Journal of Nanomaterials

Review Article

Toxicological Effects of Titanium Dioxide Nanoparticles: A Review of In Vivo Studies

Table 8

In vivo studies that investigated the adverse effects of TiO₂ NPs on musculoskeletal and reproductive systems.


Musculoskeletal system
References	Crystal phase composition (particle size in nm)	Type of exposure	Type and number of animals	Results

Hansen et al., 2006 [143]	TiO₂ (70) Bulk TiO₂ (diameter: 0.9 mm; height: 1 mm)	Subcutaneous (bulk) and intramuscular (NPs) implantation in rat back for 6 or 12 months.	10 Male SpragueDawley rats	Local reaction: presence of granulomas (NPs), inflammatory infiltrates (bulk); no local intolerance (both).

Gatti et al., 2008 [144]	TiO₂ (70) Bulk TiO₂ (diameter: 6–12 mm; height: 2 mm)	Subcutaneous (bulk) and intramuscular (NPs) implantation in rat back for 6 or 12 months.	10 male SpragueDawley rats	Local reaction: granulomas (NPs), inflammatory infiltrates (bulk).

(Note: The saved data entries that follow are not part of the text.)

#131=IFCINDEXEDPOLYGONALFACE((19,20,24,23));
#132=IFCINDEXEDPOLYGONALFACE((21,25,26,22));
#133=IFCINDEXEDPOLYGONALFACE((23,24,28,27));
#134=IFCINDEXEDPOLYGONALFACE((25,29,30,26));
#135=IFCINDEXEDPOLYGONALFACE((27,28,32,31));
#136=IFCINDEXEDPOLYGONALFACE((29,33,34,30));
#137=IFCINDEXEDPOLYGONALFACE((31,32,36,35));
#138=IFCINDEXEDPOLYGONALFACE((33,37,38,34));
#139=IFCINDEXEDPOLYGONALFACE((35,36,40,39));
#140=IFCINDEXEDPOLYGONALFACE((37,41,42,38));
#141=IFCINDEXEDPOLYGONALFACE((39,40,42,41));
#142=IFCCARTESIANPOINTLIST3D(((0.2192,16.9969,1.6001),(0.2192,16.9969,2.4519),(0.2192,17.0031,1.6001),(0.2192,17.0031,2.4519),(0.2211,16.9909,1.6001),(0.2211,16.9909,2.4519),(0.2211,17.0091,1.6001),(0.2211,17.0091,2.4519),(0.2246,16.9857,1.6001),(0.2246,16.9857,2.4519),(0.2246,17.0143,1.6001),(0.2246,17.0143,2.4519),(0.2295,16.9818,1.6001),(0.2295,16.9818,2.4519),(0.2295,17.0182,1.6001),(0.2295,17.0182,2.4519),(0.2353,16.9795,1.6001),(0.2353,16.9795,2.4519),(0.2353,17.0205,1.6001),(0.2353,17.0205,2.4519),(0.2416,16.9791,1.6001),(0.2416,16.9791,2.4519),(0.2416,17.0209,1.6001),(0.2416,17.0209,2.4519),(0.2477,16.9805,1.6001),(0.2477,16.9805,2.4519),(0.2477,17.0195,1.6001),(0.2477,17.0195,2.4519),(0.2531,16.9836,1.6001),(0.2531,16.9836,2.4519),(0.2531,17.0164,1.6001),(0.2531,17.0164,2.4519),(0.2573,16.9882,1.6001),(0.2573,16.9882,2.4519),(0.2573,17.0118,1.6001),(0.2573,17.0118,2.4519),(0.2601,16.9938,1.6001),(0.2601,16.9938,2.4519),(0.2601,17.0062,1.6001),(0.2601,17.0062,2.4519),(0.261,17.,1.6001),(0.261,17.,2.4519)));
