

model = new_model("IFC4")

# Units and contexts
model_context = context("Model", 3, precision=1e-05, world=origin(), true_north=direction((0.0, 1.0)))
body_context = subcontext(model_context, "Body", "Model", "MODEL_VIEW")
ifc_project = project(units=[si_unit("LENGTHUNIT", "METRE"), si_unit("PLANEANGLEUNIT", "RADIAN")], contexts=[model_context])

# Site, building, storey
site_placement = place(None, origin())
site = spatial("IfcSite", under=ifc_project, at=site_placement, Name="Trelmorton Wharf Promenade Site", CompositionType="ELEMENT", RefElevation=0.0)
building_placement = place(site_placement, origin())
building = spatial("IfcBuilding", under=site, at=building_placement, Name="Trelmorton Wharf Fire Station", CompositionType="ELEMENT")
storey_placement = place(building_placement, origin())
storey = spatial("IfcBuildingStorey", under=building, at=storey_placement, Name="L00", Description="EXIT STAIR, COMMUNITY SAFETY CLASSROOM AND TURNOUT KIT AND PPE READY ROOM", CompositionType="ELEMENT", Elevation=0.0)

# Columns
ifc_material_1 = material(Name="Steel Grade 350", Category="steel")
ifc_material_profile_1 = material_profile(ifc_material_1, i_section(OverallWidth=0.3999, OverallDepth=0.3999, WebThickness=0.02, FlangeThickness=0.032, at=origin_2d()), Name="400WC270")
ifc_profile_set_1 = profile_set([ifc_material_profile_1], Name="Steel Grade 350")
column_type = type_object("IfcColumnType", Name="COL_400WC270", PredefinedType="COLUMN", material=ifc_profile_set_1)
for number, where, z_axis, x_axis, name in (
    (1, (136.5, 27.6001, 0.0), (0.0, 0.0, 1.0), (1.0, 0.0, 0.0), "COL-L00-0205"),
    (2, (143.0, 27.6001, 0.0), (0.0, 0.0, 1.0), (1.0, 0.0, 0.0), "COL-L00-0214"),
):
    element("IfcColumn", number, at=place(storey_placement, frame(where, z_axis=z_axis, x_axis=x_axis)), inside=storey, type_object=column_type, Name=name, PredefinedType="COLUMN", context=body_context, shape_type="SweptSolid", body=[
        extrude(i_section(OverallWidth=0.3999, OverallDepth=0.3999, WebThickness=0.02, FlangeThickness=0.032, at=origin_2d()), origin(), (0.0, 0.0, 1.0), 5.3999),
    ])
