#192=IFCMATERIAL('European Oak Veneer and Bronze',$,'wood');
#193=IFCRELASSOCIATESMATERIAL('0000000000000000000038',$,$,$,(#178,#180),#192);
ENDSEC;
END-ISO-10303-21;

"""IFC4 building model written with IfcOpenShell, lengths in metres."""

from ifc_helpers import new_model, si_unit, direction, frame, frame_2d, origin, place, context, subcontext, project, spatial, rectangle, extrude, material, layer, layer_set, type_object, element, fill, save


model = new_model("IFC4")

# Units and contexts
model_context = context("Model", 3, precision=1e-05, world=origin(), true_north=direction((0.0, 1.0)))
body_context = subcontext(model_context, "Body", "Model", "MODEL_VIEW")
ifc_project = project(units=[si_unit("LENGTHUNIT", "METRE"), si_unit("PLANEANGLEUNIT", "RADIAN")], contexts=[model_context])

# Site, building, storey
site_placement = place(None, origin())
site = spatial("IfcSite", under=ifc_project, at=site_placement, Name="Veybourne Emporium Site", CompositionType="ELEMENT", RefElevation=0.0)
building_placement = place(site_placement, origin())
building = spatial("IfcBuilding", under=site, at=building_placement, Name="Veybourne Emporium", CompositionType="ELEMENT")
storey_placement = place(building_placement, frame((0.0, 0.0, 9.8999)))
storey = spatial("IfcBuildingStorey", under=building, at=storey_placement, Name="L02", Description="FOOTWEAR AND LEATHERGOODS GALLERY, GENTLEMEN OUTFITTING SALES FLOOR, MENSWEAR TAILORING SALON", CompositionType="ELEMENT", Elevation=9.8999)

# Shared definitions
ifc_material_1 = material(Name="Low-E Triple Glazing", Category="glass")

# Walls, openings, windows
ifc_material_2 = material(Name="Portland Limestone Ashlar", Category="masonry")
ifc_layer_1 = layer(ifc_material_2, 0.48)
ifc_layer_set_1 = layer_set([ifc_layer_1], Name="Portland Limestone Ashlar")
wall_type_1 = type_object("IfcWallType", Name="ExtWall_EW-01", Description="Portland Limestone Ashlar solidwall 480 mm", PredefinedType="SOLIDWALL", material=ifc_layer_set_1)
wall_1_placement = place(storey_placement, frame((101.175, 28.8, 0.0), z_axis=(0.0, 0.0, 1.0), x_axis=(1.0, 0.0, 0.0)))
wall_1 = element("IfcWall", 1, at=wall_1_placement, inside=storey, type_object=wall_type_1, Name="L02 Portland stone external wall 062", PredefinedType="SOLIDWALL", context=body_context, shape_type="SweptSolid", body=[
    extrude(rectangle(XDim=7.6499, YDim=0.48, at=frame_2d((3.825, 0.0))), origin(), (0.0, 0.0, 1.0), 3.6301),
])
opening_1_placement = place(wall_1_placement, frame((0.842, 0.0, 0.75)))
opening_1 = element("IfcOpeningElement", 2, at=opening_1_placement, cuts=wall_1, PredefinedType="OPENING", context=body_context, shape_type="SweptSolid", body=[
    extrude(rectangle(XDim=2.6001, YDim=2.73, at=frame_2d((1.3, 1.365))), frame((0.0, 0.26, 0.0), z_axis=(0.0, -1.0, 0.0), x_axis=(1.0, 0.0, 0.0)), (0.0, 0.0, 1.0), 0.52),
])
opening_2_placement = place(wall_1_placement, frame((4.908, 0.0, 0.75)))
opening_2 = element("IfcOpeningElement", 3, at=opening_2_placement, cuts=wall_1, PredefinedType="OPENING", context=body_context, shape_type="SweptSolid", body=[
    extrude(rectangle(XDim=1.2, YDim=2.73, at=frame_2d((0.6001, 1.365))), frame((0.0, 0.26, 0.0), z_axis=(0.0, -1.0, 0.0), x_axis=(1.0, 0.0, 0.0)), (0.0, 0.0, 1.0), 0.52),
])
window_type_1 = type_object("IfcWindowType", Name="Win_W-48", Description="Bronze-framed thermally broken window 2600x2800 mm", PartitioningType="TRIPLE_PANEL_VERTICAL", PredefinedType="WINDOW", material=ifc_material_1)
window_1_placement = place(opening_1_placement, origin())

Wang et al., 2009 [134]	Anatase TiO₂ (diameter: ; thickness: 10–15)	Intraarticular injection: 0.2, 2, 20 mg/kg TiO₂ in the knee joints every other day for 4 times.	10 male Sprague Dawley rats per group	Oxidative stress in synovium: GSH-Px, GSH, GSSG, MDA, and SOD increased. Histology: synovium hypertrophy, LYMs, plasma cell infiltration, and fibroblast proliferation.

Onuma et al., 2009 [145]	Hydrophilic rutile TiO₂ treated with ZrO₂Al(OH)₃ (minor axis: 40–70; major axis 200–300) Hydrophobic rutile TiO₂ treated with ZrO₂Al(OH)₃ and steric acid (minor axis: 40–70; major axis 200–300)	Subcutaneous injections: QR-32 cells alone; QR-32 cells mixed with 5 mg/0.1 mL TiO₂; and 5 mg/0.1 mL TiO₂ 30 and 70 days before QR-32 cells injection. Intravenous injections: tumor cell lines into mice (5/line).	15 female C57BL/6 mice per group	Carcinogenicity: QR-32 cells became tumorigenic after injection in sites implanted for 30 days or 70 days with hydrophilic TiO₂. Metastatic ability: acquired by tumor cell lines derived from QR-32 cells injected in site preimplanted with both TiO₂.

Reproductive system

Guo et al., 2009 [131]	N.A.	Intraperitoneal injections: 200 and 500 mg/kg TiO₂ every other day for 5 times.	15 male ICR mice per group	Reproductive effects: reduced sperm density and motility, increased sperm abnormality, and germ cell apoptosis.

Takeda et al., 2009 [101]	Anatase TiO₂ (25–70)	Subcutaneous injections: 100 μL of TiO₂ at 1 mg/mL at 3, 7, 10 and 14 days post-coitum.	6 pregnant Slc:ICR mice per group	Reproductive effects: disorganised and disrupted seminiferous tubules, few mature sperm, decreased sperm production, epidididymal sperm motility, number of Sertoli cells.

GSH, reduced glutathione; GSH-Px, glutathione peroxidase; GSSG, oxidized glutathione; LYM, lymphocyte; MDA, malondialdehyde; SOD, superoxide dismutase; TiO₂ NPs, titanium dioxide nanoparticles.